Asp enzyme activity is measurable in plasma, and trough levels above 100 IU/l secure effect. Patients, who have their treatment truncated, have inferior outcome. For many years prolonged Asp treatment for 30 weeks has been part of most protocols worldwide, but a recent Nordic randomized study showed that less asparaginase (8 doses vs 15 doses intramuscularly (IM)) results in the same disease-free survival and significant less toxicity in the less intensive treatment arm (6).

Accordingly, in the current Western European protocol (ALLTogether) less Asp is now given. The Nordic Countries participate in this protocol.

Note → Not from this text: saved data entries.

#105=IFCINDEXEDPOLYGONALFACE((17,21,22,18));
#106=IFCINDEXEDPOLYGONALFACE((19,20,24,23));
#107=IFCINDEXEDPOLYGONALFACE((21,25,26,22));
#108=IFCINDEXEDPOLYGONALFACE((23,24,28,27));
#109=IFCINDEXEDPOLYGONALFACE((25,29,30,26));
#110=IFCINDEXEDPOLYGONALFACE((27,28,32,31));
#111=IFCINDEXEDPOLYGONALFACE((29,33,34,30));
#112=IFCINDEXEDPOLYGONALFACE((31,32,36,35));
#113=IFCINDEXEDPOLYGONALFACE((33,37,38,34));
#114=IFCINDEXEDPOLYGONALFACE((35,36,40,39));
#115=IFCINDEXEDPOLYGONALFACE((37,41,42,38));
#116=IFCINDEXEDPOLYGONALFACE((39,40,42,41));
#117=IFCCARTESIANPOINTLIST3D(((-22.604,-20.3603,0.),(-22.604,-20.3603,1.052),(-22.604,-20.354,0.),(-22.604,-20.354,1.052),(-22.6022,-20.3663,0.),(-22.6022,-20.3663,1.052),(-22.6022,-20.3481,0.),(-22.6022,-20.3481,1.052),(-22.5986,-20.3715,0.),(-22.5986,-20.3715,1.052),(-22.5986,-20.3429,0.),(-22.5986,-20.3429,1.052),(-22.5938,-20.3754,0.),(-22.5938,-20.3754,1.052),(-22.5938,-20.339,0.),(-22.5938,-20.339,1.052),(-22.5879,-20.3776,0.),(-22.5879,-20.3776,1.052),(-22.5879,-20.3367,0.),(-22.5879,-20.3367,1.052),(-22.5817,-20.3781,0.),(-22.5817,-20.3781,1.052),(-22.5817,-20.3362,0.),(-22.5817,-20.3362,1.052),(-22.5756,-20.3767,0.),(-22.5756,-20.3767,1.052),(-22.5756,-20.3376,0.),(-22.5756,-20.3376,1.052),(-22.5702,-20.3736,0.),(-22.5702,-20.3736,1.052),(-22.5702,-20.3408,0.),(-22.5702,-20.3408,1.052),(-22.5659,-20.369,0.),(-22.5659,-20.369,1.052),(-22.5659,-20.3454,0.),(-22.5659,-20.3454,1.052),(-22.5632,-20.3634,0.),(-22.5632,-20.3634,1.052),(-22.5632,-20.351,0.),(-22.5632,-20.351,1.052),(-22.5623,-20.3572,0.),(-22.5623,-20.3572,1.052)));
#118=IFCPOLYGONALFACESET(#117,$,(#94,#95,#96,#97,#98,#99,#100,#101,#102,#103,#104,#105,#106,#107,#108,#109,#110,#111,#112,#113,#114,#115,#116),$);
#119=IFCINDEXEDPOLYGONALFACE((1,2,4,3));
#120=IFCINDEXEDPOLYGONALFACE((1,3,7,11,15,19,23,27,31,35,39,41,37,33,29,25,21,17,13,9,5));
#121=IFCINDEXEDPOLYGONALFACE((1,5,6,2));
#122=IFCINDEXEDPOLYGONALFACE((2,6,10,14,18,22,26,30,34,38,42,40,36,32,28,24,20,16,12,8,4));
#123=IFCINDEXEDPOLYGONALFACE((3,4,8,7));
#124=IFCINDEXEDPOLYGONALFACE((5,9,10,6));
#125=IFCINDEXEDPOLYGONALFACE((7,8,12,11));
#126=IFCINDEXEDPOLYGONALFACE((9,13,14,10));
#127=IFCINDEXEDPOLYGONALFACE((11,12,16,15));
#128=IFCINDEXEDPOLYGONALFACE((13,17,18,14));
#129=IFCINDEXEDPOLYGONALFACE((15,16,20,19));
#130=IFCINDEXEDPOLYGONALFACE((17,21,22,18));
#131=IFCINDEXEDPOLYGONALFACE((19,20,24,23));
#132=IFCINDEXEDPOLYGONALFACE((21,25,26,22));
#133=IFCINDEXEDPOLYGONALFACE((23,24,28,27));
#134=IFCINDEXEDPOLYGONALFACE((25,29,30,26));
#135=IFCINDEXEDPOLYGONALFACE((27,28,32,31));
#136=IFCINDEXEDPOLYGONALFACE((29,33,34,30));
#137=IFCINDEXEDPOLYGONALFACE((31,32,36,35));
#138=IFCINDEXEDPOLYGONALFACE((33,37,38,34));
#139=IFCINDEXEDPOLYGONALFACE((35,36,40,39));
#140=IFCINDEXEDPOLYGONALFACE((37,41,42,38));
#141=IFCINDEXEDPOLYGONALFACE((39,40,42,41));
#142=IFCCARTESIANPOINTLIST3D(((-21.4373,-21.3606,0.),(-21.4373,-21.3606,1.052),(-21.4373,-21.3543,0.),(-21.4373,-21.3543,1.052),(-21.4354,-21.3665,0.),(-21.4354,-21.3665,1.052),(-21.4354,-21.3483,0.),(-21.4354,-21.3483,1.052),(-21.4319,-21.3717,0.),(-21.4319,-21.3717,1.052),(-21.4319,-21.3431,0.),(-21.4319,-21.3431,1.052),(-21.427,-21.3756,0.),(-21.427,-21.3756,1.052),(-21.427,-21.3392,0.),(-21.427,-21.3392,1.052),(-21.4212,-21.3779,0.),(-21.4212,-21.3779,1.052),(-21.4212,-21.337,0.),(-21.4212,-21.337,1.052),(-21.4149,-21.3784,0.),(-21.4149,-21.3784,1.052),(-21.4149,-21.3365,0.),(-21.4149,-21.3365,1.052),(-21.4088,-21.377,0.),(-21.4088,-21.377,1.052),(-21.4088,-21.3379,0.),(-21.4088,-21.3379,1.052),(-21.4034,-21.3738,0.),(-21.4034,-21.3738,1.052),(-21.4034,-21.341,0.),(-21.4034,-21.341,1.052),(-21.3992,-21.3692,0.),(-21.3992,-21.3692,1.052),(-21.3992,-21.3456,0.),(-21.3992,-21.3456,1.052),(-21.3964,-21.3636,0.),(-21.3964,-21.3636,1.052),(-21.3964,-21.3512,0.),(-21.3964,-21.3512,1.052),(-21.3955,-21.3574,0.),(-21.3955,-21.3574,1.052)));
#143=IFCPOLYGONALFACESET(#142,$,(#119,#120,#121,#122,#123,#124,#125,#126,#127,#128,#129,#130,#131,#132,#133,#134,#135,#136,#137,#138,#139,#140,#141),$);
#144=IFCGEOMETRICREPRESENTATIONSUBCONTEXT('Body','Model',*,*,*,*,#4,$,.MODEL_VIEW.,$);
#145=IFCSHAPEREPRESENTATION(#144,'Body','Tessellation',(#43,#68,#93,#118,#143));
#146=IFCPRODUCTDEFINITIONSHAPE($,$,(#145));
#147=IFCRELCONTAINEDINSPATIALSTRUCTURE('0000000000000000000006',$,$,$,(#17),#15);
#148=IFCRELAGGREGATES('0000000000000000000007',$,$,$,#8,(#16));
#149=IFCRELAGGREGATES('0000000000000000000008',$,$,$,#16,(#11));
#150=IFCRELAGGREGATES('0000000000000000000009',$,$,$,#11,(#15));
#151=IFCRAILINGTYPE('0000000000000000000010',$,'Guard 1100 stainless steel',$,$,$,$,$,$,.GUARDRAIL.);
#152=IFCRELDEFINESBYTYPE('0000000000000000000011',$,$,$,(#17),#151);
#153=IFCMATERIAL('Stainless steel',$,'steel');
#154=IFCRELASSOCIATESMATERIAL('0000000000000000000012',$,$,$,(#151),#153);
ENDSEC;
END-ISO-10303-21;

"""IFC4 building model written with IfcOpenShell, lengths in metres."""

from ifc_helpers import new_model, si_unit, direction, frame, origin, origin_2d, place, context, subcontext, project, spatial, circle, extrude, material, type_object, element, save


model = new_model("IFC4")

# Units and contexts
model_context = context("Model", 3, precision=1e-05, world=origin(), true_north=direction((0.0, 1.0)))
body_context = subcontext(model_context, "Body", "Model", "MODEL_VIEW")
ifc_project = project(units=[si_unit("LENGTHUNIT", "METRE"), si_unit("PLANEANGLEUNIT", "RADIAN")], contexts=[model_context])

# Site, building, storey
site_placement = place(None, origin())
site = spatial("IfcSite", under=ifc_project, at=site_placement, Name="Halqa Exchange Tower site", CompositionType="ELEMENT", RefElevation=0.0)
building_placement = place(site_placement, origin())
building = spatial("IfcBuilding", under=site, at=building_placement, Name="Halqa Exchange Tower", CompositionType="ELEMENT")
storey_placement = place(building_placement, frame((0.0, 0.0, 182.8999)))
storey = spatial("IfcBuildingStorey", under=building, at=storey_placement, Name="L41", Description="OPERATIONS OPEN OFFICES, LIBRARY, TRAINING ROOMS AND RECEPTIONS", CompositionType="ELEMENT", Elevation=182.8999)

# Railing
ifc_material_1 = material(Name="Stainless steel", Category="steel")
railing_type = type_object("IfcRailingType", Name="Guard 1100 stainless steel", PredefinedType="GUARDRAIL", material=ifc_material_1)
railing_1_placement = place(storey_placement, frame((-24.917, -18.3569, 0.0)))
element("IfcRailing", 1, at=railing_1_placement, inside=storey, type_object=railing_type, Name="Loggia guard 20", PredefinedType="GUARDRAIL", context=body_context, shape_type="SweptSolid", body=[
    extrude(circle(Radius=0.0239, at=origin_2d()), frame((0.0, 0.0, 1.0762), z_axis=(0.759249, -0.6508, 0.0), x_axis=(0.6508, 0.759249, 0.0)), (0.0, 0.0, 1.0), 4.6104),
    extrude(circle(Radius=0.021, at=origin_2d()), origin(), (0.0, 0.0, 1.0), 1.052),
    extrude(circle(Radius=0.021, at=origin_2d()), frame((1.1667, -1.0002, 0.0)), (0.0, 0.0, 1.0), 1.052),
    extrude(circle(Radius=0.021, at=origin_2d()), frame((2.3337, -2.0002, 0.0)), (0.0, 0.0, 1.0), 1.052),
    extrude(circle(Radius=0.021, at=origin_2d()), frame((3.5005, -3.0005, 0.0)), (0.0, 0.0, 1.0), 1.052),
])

Unlike in the previous Nordic protocol, NOPHO ALL2008, in ALLTogether Asp will be initiated early during induction (day 4 compared to day 30) and given intravenously (IV) and not IM. In February 2017 it was approved by the NOPHO Board to do more extensive pharmacokinetic studies of IM administered PEG-asparaginase, as it has not been shown if IM or IV is preferably in respect to minimizing the incidence of hypersensitivity. Most study groups in the world use IV administration, thus NOPHO has a unique chance to illuminate inactivation after IM administration, also in adult patients. Other groups have not published this.

For >50% of the patients in ALLTogether, the induction therapy has been reduced from 4 drugs to 3 drugs. This emphasizes the importance of optimal treatment from the beginning. Therapeutic Drug Monitoring (TDM) will identify patients without activity in order to change Asp preparation. Additional sampling close after the first dose of PEG-Asp is expected to identify these patients earlier, providing an opportunity to optimize their treatment for better disease-free survival.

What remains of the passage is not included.